Alright, so my nitrites/Nitrates and the Ammonia levels are very well under control.. I wont be having an issue with any of them.. My KH and GH levels I will though. First off, I really dont know the difference and purpose of the two readings, and I have no idea of how to maintain them.. if someone could let me know, that'd be awesome. 
What I DO know is the KH is what maintains the PH, and the PH levels are what keeps fish healthy and strong. And I know I dont want my Hardness to go below 50ppm, otherwise it would affect my Ph.. 
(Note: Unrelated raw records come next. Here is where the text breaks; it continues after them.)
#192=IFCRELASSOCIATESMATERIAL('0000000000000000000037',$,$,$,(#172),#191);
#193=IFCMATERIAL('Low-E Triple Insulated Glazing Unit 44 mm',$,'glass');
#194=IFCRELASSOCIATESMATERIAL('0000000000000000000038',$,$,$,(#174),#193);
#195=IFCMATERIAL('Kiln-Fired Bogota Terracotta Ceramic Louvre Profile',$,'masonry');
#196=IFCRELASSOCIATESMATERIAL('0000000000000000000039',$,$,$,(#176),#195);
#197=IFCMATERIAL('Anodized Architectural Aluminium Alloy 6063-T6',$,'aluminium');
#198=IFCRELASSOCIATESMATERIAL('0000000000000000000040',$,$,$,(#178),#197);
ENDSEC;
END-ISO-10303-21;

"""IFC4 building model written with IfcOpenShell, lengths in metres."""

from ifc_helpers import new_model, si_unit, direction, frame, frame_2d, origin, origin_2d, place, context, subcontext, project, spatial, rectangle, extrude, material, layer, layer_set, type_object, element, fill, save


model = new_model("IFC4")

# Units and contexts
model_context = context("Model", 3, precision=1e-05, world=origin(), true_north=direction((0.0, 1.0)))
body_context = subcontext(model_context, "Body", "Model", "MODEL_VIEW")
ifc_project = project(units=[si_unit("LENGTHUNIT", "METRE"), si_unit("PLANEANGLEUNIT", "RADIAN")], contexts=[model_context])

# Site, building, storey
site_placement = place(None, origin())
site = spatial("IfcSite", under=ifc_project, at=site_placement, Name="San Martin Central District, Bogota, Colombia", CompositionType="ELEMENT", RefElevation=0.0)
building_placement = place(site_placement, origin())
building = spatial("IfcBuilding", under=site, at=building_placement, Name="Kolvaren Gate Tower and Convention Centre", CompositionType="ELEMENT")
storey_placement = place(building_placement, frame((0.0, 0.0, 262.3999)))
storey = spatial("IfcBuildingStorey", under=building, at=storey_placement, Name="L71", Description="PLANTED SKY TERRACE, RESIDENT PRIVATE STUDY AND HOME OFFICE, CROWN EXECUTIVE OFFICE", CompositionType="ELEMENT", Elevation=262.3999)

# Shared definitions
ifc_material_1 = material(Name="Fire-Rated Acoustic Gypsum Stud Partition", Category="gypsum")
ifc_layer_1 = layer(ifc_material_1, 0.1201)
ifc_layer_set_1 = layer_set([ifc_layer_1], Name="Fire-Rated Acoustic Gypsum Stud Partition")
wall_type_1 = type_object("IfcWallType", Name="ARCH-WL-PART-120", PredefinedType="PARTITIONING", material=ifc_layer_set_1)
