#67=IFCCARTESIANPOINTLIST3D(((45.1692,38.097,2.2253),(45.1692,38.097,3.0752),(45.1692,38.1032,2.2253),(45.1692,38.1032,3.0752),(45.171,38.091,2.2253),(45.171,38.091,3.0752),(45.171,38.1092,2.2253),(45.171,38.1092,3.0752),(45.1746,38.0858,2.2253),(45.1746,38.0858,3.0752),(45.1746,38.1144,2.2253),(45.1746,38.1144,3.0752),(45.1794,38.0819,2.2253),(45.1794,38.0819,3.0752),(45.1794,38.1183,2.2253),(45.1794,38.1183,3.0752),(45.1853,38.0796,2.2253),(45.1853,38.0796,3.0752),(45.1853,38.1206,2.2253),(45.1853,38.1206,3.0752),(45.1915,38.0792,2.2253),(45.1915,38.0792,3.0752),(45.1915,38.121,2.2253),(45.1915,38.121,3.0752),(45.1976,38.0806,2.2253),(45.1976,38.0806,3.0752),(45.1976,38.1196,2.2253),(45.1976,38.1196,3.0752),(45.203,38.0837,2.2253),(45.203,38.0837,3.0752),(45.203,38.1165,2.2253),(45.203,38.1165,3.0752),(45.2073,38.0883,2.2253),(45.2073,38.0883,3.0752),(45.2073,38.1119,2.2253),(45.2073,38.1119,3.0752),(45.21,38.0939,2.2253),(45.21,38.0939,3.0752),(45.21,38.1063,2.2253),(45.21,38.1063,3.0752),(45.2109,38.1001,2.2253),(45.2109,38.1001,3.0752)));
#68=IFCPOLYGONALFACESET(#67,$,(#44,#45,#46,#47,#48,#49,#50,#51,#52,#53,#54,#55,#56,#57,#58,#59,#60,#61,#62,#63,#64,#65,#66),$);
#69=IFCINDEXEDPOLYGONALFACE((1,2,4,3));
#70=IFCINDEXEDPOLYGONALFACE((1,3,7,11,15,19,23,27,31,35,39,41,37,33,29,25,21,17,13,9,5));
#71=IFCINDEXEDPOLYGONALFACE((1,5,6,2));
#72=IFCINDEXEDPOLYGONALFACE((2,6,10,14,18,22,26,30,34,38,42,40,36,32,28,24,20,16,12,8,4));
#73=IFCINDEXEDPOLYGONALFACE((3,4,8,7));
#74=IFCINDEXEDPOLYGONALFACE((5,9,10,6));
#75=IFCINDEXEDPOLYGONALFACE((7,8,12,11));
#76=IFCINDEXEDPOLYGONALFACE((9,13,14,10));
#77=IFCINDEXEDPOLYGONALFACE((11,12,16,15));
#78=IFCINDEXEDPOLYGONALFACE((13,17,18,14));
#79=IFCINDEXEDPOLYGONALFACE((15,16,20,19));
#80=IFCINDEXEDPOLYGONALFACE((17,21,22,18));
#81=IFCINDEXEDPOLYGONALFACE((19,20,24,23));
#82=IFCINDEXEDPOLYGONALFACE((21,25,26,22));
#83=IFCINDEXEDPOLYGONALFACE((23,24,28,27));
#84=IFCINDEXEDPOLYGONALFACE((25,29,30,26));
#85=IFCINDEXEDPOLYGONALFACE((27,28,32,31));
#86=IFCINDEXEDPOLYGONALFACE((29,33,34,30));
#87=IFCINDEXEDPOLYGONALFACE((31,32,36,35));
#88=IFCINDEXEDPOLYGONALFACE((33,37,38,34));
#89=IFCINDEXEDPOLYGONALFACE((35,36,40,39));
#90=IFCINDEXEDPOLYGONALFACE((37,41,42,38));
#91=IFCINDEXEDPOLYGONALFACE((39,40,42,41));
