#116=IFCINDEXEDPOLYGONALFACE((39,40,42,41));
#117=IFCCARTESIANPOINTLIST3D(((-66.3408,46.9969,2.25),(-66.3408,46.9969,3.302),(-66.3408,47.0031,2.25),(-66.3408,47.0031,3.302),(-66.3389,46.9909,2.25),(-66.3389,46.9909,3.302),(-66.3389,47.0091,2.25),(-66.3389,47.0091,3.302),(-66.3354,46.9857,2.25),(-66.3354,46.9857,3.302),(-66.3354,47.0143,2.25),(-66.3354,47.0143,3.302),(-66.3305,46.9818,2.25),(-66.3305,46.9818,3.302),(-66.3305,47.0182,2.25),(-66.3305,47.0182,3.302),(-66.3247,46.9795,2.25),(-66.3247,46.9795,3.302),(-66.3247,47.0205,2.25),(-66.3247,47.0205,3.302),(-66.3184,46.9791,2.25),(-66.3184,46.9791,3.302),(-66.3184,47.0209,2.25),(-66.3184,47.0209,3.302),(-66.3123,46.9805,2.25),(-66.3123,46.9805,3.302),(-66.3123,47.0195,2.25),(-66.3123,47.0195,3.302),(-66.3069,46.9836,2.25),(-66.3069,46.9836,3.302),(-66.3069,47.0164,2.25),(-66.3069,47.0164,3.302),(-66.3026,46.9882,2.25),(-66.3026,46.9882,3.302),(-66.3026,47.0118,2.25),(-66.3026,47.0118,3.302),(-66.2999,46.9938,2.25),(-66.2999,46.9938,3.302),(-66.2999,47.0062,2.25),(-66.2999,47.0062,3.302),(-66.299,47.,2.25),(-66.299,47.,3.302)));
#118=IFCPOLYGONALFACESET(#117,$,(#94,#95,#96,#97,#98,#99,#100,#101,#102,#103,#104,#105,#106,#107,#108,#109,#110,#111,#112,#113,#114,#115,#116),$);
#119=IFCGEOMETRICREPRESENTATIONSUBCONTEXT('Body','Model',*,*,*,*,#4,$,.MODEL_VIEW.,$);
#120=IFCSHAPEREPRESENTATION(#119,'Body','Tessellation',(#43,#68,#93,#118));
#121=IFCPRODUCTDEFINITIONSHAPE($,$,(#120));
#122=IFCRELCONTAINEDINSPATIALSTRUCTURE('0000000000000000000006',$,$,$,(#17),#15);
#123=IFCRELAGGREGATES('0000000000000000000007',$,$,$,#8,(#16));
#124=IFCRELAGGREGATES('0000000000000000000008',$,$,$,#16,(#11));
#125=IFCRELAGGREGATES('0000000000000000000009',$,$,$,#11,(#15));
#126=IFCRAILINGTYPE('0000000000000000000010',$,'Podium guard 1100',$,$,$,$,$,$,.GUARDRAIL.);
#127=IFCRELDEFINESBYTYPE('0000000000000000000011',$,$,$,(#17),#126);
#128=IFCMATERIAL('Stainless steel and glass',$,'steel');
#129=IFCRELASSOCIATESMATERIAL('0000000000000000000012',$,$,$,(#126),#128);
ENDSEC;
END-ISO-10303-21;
-How do I lower/raise water hardness and what maintains it at the level I want?
-How do I lower/raise KH levels and what maintains it at the level I want?


----------



## Byron (Mar 7, 2009)

This is very involved. And altering GH or KH may not be necessary. First thing, is what the hardness in your source water (I assume tap water) is. You can find this out from your water supply people, many have websites but if not they can tell you. Ask for GH and KH [I'll explain these in a moment]. If they have a website and you can't figure it out, give me the link and I'll take a look. No point in wasting money on expensive hardness test kits if you only use them once; as I say, we normally work within what we have coming out of the tap, and there are ways to alter this if necessary.

GH is general hardness, basically referring to the mineral salt content of the water. In this context, "salt" refers to mineral substances other than our common table-type salt. Calcium and magnesium salts are the most prevalent minerals for hardness, but many others are involved too. The source of the water determines what mineral salts are present, as water picks up minerals from the rock over which it flows. GH does affect fish, as much as pH, sometimes even more, so it is important to know the GH of your tap water. In an aquarium, GH will not change unless you specifically force it by some means. Will leave that for now.

KH is carbonate hardness; spelled with a "K" because carbon is karbon in German and that's where the science came from. This is the measurement of carbonates and bicarbonates in the water. It is connected to GH, and a high GH usually carries a high KH, but not always. The chemistry is for me complicated, but as long as we understand the principle we are OK. The KH has absolutely no impact on fish. But it is important as a buffer of pH.

GH, KH and pH are inter-connected. The harder the water, usually the more carbonates/bicarbonates. And the higher these are, the more they "buffer" pH by preventing it from altering. This is why chemical pH adjusters frequently fail, or worse cause fluctuating pH levels too quickly. The natural KH buffering capability in the water will resit (prevent) permanent shifts in pH, until such time as the buffering is exhausted, and then the pH can crash badly.

Natural processes in nature and in the aquarium cause the pH to shift diurnally every 24 hours. This is not harmful to fish, it is natural. But we don't want it shifting too much, that can be dangerous.

To return to my opening comments, the GH and KH of your tap water must be known before we can consider what, if any, adjustment may be needed. All fish have preferences for GH and pH, but many are somewhat adaptable within a general range. Some are very specific, such as livebearers and rift lake cichlids requiring harder water and a correspondingly higher pH. We can discuss this more when we know where we stand.

Byron.


----------



## Eshnon (Apr 13, 2011)

*Thanks!*

I will look into what the water is from the tap.. I will get back to you on that.


----------